Accessing that currently stranded gold, however, will keep production steady. Should the technology now being explored prove good, it will take costs down 40%. Some 30 companies are working in a kind of research and development kibbutz with AngloGold, each covering its own costs, in an effort to crack a means of combining existing technology. US giants GE and 3M are two of the companies working on the project which Cutifani describes as probably the most progressive across the industry. Any technological developments the partners discover are theirs to keep.

“It’s potentially a game-changer,’ says Sandy McGregor, portfolio investor for Allan Gray, which holds up to 10% of total shares in AngloGold and, after Paulson & Co, the US hedge fund, is the gold company’s second largest shareholder. “I’ve seen a few of these schemes around [for mining gold at deeper levels], but this one might work,’ he says.

Ultimately the science of behaviour and the organisational work have to lead somewhere for investors.

“We have doubled cash flow from Project One,’ says Cutifani, who adds that a further doub-ling in cash flow has been derived from the removal of the hedge book, and continued gain in the dollar price of gold. By way of comparison, cash flow in 2008 financial year totalled $600m whereas on a first half annualised basis, cash flow is $2.4bn this year. In other words, AngloGold generated more cash from operations in the second quarter of this financial year than in the whole of 2008.

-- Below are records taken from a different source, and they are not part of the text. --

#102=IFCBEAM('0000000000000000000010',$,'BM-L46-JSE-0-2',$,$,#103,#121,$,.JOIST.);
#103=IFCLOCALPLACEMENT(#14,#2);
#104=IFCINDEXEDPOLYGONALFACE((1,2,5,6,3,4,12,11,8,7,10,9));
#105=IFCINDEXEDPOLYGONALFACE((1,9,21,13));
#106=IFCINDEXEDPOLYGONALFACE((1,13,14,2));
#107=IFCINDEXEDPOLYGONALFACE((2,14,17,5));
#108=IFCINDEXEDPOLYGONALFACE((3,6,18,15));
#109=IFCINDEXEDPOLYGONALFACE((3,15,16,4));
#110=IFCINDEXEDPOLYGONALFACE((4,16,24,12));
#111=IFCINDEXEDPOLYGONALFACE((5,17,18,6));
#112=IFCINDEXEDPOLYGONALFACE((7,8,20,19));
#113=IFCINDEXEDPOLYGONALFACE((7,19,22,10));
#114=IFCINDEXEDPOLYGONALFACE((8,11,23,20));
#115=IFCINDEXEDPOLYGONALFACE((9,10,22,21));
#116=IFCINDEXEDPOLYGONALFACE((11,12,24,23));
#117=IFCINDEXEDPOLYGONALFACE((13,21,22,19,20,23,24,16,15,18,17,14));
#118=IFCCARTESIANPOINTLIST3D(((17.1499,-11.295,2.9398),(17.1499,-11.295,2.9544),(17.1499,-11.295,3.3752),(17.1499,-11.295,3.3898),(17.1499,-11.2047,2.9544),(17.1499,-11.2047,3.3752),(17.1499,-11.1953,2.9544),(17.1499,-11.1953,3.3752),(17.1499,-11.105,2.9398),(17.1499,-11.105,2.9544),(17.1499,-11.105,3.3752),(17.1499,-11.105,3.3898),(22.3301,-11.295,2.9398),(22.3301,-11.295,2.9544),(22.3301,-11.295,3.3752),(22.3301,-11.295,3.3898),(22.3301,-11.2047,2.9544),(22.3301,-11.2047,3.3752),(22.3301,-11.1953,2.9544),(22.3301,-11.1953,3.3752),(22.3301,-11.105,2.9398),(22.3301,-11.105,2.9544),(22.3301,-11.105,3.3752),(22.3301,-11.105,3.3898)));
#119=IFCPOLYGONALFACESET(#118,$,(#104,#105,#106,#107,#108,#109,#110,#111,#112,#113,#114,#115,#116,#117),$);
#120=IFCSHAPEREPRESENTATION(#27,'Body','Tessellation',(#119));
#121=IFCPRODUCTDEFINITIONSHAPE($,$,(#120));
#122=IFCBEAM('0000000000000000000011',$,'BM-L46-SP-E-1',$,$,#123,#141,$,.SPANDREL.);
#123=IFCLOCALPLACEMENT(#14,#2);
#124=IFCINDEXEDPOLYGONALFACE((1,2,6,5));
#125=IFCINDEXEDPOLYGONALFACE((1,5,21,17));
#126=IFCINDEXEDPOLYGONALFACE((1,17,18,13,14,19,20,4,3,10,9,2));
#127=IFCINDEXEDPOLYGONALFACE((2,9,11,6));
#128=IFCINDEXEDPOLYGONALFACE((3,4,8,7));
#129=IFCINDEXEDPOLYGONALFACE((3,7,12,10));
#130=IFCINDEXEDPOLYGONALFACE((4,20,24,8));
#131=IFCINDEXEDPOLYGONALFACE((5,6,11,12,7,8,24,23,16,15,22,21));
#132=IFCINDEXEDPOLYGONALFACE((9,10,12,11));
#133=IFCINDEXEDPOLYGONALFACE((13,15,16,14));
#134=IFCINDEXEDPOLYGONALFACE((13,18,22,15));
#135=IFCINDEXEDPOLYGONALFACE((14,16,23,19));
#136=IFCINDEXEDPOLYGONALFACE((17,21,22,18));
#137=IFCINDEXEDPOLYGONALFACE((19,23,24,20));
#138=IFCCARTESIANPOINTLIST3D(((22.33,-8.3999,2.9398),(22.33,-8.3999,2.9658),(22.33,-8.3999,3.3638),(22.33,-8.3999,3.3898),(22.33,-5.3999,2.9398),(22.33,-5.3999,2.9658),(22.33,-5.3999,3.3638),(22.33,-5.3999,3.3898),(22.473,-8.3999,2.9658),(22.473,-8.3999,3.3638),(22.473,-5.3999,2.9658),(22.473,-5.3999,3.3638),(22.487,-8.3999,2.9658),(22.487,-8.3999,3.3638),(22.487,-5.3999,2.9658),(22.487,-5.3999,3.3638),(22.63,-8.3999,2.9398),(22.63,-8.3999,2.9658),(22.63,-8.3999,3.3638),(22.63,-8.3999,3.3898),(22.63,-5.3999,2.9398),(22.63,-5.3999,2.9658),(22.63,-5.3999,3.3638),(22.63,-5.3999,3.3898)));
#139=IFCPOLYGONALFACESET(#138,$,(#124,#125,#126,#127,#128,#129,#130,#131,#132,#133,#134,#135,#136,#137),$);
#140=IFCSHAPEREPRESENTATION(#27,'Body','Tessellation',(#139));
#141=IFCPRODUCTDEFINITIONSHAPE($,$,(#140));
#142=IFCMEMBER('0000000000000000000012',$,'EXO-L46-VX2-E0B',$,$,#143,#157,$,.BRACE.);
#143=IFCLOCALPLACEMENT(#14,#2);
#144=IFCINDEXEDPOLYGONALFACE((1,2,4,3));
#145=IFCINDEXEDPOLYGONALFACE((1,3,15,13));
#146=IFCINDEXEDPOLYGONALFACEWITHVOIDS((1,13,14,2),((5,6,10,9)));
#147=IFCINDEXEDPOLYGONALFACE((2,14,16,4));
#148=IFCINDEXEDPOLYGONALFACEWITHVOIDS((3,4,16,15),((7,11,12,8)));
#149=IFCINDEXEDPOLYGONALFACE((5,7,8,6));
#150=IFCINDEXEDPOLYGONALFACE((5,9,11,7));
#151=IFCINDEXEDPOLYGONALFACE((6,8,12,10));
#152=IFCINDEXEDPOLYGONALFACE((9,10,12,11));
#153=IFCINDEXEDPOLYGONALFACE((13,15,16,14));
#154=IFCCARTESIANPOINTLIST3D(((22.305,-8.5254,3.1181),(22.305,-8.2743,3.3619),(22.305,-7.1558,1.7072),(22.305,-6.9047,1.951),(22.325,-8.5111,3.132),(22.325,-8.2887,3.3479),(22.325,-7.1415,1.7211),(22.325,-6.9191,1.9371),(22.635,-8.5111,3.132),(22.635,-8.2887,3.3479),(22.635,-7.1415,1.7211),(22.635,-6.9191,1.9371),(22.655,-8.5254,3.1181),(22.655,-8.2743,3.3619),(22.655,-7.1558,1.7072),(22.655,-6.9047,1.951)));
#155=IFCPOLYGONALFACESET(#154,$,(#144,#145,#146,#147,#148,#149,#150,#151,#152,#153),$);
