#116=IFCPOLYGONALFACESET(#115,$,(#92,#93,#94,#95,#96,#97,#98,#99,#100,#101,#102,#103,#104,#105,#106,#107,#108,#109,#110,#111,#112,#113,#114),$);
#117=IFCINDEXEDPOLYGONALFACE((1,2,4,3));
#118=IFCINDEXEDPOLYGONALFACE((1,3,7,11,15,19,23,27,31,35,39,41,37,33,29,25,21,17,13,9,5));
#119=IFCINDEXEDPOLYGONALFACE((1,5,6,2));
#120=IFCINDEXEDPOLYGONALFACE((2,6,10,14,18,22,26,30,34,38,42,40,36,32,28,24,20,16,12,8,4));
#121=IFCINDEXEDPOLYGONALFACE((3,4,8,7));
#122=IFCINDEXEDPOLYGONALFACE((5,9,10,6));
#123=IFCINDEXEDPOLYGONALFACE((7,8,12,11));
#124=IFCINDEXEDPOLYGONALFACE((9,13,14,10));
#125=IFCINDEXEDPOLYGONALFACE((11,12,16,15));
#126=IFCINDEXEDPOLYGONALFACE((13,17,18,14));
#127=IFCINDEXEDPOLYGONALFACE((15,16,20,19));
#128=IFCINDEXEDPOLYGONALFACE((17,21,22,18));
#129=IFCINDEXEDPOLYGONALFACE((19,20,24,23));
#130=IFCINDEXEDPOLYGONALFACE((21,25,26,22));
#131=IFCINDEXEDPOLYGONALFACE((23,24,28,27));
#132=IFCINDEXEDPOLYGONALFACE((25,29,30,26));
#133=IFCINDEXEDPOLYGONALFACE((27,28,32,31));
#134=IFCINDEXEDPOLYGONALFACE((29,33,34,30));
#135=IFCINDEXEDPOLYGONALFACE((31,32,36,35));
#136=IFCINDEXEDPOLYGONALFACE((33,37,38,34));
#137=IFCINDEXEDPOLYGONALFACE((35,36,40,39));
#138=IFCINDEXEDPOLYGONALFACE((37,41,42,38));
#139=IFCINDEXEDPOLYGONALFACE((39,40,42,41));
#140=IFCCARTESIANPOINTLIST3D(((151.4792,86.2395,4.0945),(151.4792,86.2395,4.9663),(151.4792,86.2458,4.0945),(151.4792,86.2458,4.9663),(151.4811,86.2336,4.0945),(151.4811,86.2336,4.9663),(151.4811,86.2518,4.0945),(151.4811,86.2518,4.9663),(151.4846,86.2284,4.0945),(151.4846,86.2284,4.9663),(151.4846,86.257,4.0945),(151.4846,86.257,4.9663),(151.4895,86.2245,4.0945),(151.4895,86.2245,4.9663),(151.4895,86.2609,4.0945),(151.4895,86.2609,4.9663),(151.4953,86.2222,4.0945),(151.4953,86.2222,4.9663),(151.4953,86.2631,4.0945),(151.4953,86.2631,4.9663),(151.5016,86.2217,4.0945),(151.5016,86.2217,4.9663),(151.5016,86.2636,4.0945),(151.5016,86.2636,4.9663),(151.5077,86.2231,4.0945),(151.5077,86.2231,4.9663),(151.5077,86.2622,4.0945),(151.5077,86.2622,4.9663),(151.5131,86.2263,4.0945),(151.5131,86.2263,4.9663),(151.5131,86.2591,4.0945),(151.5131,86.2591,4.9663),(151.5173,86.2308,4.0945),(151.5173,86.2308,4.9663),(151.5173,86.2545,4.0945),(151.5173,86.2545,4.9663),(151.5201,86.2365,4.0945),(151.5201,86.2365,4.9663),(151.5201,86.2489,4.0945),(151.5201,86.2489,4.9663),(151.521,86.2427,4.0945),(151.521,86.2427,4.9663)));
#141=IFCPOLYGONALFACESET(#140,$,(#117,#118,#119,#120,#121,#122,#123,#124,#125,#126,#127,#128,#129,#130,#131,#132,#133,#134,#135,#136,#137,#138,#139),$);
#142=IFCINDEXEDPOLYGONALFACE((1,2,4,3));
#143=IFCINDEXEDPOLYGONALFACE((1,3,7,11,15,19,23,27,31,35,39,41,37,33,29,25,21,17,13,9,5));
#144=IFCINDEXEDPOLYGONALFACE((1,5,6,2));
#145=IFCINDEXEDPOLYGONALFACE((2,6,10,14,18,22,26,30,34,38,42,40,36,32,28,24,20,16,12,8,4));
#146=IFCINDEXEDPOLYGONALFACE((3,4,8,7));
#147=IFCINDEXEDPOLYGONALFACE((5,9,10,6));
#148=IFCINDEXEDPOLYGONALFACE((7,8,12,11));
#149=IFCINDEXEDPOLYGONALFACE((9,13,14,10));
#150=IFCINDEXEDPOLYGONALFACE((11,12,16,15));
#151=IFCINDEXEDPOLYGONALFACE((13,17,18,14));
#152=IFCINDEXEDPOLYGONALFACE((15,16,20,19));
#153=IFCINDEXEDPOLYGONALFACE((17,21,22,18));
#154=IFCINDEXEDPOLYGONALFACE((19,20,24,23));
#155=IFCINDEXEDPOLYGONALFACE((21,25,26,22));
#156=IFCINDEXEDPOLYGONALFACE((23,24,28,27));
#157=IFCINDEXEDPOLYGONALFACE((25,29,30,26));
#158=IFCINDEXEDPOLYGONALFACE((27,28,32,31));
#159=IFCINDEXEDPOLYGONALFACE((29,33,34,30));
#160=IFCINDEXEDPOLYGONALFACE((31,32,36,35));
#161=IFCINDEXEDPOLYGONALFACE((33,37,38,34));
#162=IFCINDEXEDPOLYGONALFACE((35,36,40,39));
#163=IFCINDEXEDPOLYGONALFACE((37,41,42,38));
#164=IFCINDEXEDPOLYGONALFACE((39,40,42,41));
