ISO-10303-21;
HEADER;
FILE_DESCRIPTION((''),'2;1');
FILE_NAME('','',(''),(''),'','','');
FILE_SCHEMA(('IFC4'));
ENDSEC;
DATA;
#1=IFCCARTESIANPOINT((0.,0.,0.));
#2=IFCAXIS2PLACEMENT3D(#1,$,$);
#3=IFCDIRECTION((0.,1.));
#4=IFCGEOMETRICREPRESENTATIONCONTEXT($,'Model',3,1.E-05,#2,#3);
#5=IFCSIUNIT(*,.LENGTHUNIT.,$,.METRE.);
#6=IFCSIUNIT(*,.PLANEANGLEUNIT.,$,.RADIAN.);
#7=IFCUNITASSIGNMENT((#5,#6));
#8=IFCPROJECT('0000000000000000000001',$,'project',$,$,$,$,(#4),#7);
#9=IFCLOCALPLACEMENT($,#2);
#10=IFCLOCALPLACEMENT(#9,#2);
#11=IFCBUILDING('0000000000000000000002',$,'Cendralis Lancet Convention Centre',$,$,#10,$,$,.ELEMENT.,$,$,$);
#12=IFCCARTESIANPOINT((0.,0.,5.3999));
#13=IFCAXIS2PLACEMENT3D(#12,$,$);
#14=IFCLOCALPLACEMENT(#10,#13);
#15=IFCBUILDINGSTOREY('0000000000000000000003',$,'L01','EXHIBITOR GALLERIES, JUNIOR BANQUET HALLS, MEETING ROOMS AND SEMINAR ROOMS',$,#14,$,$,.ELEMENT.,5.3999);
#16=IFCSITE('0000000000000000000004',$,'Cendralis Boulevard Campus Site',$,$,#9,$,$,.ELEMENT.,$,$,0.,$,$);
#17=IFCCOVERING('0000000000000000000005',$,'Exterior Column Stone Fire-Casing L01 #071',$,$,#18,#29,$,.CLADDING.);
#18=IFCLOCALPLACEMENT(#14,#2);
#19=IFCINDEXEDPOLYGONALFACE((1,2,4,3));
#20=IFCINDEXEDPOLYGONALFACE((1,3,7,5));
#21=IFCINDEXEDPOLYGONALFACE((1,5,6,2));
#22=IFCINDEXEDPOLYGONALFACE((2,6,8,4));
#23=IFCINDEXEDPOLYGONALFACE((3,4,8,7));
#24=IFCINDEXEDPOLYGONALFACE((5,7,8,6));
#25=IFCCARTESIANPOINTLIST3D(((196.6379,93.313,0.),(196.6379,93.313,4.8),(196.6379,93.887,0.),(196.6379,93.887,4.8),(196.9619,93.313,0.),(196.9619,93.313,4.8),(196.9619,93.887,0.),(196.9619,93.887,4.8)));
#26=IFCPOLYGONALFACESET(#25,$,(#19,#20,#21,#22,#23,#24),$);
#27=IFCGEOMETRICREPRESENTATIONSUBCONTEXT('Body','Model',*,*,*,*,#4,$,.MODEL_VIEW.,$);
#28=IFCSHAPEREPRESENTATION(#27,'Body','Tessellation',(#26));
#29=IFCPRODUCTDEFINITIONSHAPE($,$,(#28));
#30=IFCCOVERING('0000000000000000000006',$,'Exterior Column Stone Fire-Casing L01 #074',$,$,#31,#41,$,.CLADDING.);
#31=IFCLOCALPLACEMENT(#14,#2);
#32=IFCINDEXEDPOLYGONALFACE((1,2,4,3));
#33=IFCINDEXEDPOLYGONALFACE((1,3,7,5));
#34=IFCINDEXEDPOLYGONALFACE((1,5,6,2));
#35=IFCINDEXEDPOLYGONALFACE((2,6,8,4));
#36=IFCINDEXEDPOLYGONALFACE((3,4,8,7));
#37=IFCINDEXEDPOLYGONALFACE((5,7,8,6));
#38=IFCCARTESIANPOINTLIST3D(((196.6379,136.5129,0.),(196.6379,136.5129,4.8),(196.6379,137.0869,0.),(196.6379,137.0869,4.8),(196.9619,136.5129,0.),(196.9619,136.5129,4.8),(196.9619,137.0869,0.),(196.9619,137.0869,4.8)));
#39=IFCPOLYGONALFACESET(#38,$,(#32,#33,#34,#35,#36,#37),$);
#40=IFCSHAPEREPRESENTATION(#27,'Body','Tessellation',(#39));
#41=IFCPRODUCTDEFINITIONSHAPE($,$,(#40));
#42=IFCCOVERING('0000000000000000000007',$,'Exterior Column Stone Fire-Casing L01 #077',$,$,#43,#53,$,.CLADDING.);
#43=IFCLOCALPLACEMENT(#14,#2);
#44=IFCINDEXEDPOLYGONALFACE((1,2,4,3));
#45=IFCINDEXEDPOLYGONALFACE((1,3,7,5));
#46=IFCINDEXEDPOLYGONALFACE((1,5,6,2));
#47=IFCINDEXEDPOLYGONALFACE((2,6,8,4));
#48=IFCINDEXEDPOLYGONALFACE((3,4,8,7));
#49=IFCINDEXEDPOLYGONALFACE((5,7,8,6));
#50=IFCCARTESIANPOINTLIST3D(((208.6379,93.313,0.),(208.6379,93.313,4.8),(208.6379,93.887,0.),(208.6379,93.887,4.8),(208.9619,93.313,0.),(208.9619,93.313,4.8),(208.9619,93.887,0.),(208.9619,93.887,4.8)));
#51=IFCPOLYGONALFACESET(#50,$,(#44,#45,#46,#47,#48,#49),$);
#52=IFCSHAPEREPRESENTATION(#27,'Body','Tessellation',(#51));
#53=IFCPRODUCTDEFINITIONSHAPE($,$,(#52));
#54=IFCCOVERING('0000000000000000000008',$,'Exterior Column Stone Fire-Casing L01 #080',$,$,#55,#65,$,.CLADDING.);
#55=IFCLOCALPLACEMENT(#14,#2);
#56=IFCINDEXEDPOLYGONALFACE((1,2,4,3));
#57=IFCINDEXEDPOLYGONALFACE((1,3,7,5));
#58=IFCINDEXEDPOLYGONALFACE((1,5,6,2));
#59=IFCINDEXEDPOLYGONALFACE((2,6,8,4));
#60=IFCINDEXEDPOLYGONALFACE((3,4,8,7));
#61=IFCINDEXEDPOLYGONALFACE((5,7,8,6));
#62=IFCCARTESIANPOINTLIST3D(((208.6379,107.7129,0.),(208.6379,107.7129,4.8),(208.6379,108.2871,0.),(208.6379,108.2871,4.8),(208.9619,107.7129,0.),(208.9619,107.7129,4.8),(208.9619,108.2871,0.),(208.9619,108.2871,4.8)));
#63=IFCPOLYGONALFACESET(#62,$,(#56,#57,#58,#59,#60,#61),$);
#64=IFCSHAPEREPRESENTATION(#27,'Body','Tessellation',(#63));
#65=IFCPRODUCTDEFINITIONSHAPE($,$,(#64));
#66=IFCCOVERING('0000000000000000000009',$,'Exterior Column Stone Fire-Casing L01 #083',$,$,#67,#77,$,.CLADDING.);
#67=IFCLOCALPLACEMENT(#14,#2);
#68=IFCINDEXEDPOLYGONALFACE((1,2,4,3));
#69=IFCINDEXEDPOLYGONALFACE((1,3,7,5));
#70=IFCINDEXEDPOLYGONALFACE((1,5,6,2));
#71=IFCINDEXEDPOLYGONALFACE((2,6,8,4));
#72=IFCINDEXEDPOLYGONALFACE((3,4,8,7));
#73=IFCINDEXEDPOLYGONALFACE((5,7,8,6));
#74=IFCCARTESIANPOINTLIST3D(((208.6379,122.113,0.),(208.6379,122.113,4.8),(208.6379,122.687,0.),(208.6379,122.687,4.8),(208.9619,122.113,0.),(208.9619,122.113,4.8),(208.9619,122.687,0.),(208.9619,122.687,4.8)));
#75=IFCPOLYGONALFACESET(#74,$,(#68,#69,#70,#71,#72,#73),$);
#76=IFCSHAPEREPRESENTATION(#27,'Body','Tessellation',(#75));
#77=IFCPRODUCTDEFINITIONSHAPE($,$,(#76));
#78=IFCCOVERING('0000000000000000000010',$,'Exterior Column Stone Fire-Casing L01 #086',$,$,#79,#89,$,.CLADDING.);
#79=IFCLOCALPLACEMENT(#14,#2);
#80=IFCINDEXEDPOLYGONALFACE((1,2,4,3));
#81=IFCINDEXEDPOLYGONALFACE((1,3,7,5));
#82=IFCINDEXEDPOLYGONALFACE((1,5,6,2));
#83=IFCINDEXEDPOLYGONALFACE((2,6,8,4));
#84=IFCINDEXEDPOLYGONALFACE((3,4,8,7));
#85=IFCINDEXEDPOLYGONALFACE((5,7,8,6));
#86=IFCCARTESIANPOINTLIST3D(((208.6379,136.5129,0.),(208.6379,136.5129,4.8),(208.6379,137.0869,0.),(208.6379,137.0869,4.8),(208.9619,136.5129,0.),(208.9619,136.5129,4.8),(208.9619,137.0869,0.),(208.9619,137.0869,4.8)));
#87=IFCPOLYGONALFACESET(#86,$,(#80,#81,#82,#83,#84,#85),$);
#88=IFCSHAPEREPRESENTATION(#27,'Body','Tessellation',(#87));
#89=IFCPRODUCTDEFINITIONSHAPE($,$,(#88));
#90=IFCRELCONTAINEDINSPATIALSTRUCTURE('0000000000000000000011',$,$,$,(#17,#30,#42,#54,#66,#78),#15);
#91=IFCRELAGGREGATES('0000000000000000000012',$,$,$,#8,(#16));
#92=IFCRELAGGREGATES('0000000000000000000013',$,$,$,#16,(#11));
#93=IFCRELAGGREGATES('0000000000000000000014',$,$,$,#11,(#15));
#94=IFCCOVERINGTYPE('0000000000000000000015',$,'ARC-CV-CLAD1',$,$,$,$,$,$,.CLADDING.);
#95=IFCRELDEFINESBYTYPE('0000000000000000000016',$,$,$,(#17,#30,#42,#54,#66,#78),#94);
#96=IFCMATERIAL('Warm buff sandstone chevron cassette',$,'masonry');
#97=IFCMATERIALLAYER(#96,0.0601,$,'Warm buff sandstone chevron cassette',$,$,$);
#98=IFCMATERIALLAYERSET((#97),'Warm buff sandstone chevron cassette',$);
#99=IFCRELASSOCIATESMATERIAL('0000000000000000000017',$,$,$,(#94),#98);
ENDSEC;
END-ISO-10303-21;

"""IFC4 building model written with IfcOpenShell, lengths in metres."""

from ifc_helpers import new_model, si_unit, direction, frame, origin, place, context, subcontext, project, spatial, polyline, outline, extrude, material, layer, layer_set, type_object, element, save


model = new_model("IFC4")

# Units and contexts
model_context = context("Model", 3, precision=1e-05, world=origin(), true_north=direction((0.0, 1.0)))
body_context = subcontext(model_context, "Body", "Model", "MODEL_VIEW")
ifc_project = project(units=[si_unit("LENGTHUNIT", "METRE"), si_unit("PLANEANGLEUNIT", "RADIAN")], contexts=[model_context])

# Site, building, storey
site_placement = place(None, origin())
site = spatial("IfcSite", under=ifc_project, at=site_placement, Name="Cendralis Boulevard Campus Site", CompositionType="ELEMENT", RefElevation=0.0)
building_placement = place(site_placement, origin())
building = spatial("IfcBuilding", under=site, at=building_placement, Name="Cendralis Lancet Convention Centre", CompositionType="ELEMENT")
storey_placement = place(building_placement, frame((0.0, 0.0, 5.3999)))
storey = spatial("IfcBuildingStorey", under=building, at=storey_placement, Name="L01", Description="EXHIBITOR GALLERIES, JUNIOR BANQUET HALLS, MEETING ROOMS AND SEMINAR ROOMS", CompositionType="ELEMENT", Elevation=5.3999)

# Coverings
ifc_material = material(Name="Warm buff sandstone chevron cassette", Category="masonry")
ifc_layer = layer(ifc_material, 0.0601, Name="Warm buff sandstone chevron cassette")
ifc_layer_set = layer_set([ifc_layer], Name="Warm buff sandstone chevron cassette")
covering_type = type_object("IfcCoveringType", Name="ARC-CV-CLAD1", PredefinedType="CLADDING", material=ifc_layer_set)
covering_1_placement = place(storey_placement, origin())
element("IfcCovering", 1, at=covering_1_placement, inside=storey, type_object=covering_type, Name="Exterior Column Stone Fire-Casing L01 #071", PredefinedType="CLADDING", context=body_context, shape_type="SweptSolid", body=[
    extrude(outline(polyline([(196.6379, 93.313), (196.9619, 93.313), (196.9619, 93.887), (196.6379, 93.887), (196.6379, 93.313)])), origin(), (0.0, 0.0, 1.0), 4.8),
])
covering_2_placement = place(storey_placement, origin())
element("IfcCovering", 2, at=covering_2_placement, inside=storey, type_object=covering_type, Name="Exterior Column Stone Fire-Casing L01 #074", PredefinedType="CLADDING", context=body_context, shape_type="SweptSolid", body=[
    extrude(outline(polyline([(196.6379, 136.5129), (196.9619, 136.5129), (196.9619, 137.0869), (196.6379, 137.0869), (196.6379, 136.5129)])), origin(), (0.0, 0.0, 1.0), 4.8),
])
covering_3_placement = place(storey_placement, origin())
element("IfcCovering", 3, at=covering_3_placement, inside=storey, type_object=covering_type, Name="Exterior Column Stone Fire-Casing L01 #077", PredefinedType="CLADDING", context=body_context, shape_type="SweptSolid", body=[
    extrude(outline(polyline([(208.6379, 93.313), (208.9619, 93.313), (208.9619, 93.887), (208.6379, 93.887), (208.6379, 93.313)])), origin(), (0.0, 0.0, 1.0), 4.8),
])
covering_4_placement = place(storey_placement, origin())
element("IfcCovering", 4, at=covering_4_placement, inside=storey, type_object=covering_type, Name="Exterior Column Stone Fire-Casing L01 #080", PredefinedType="CLADDING", context=body_context, shape_type="SweptSolid", body=[
    extrude(outline(polyline([(208.6379, 107.7129), (208.9619, 107.7129), (208.9619, 108.2871), (208.6379, 108.2871), (208.6379, 107.7129)])), origin(), (0.0, 0.0, 1.0), 4.8),
])
covering_5_placement = place(storey_placement, origin())
element("IfcCovering", 5, at=covering_5_placement, inside=storey, type_object=covering_type, Name="Exterior Column Stone Fire-Casing L01 #083", PredefinedType="CLADDING", context=body_context, shape_type="SweptSolid", body=[
    extrude(outline(polyline([(208.6379, 122.113), (208.9619, 122.113), (208.9619, 122.687), (208.6379, 122.687), (208.6379, 122.113)])), origin(), (0.0, 0.0, 1.0), 4.8),
])
covering_6_placement = place(storey_placement, origin())
element("IfcCovering", 6, at=covering_6_placement, inside=storey, type_object=covering_type, Name="Exterior Column Stone Fire-Casing L01 #086", PredefinedType="CLADDING", context=body_context, shape_type="SweptSolid", body=[
    extrude(outline(polyline([(208.6379, 136.5129), (208.9619, 136.5129), (208.9619, 137.0869), (208.6379, 137.0869), (208.6379, 136.5129)])), origin(), (0.0, 0.0, 1.0), 4.8),
])

save(model, "model.ifc")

Yet the share price has dragged its feet this year. Cutifani claims to be untroubled believing the market will recognise the operational improvements are ongoing at AngloGold despite the difficulties posed by what Bruce Alway, an analyst for Merrill Lynch, described as “the South African discount’ in July.

Says Allan Gray’s McGregor: “What’s six months in our lives? I think Mark has brought a holistic vision. There are so many issues that a CEO has to manage, but we think he’s among the best at dealing with them all.’

Cutifani has said in the past that if the share price didn’t respond to the operational improvements, the company might have no option but to separate the South African and non-SA assets. “We have to consider everything,’ he says of that statement, adding that combinations with other company mines are the stuff of speculation.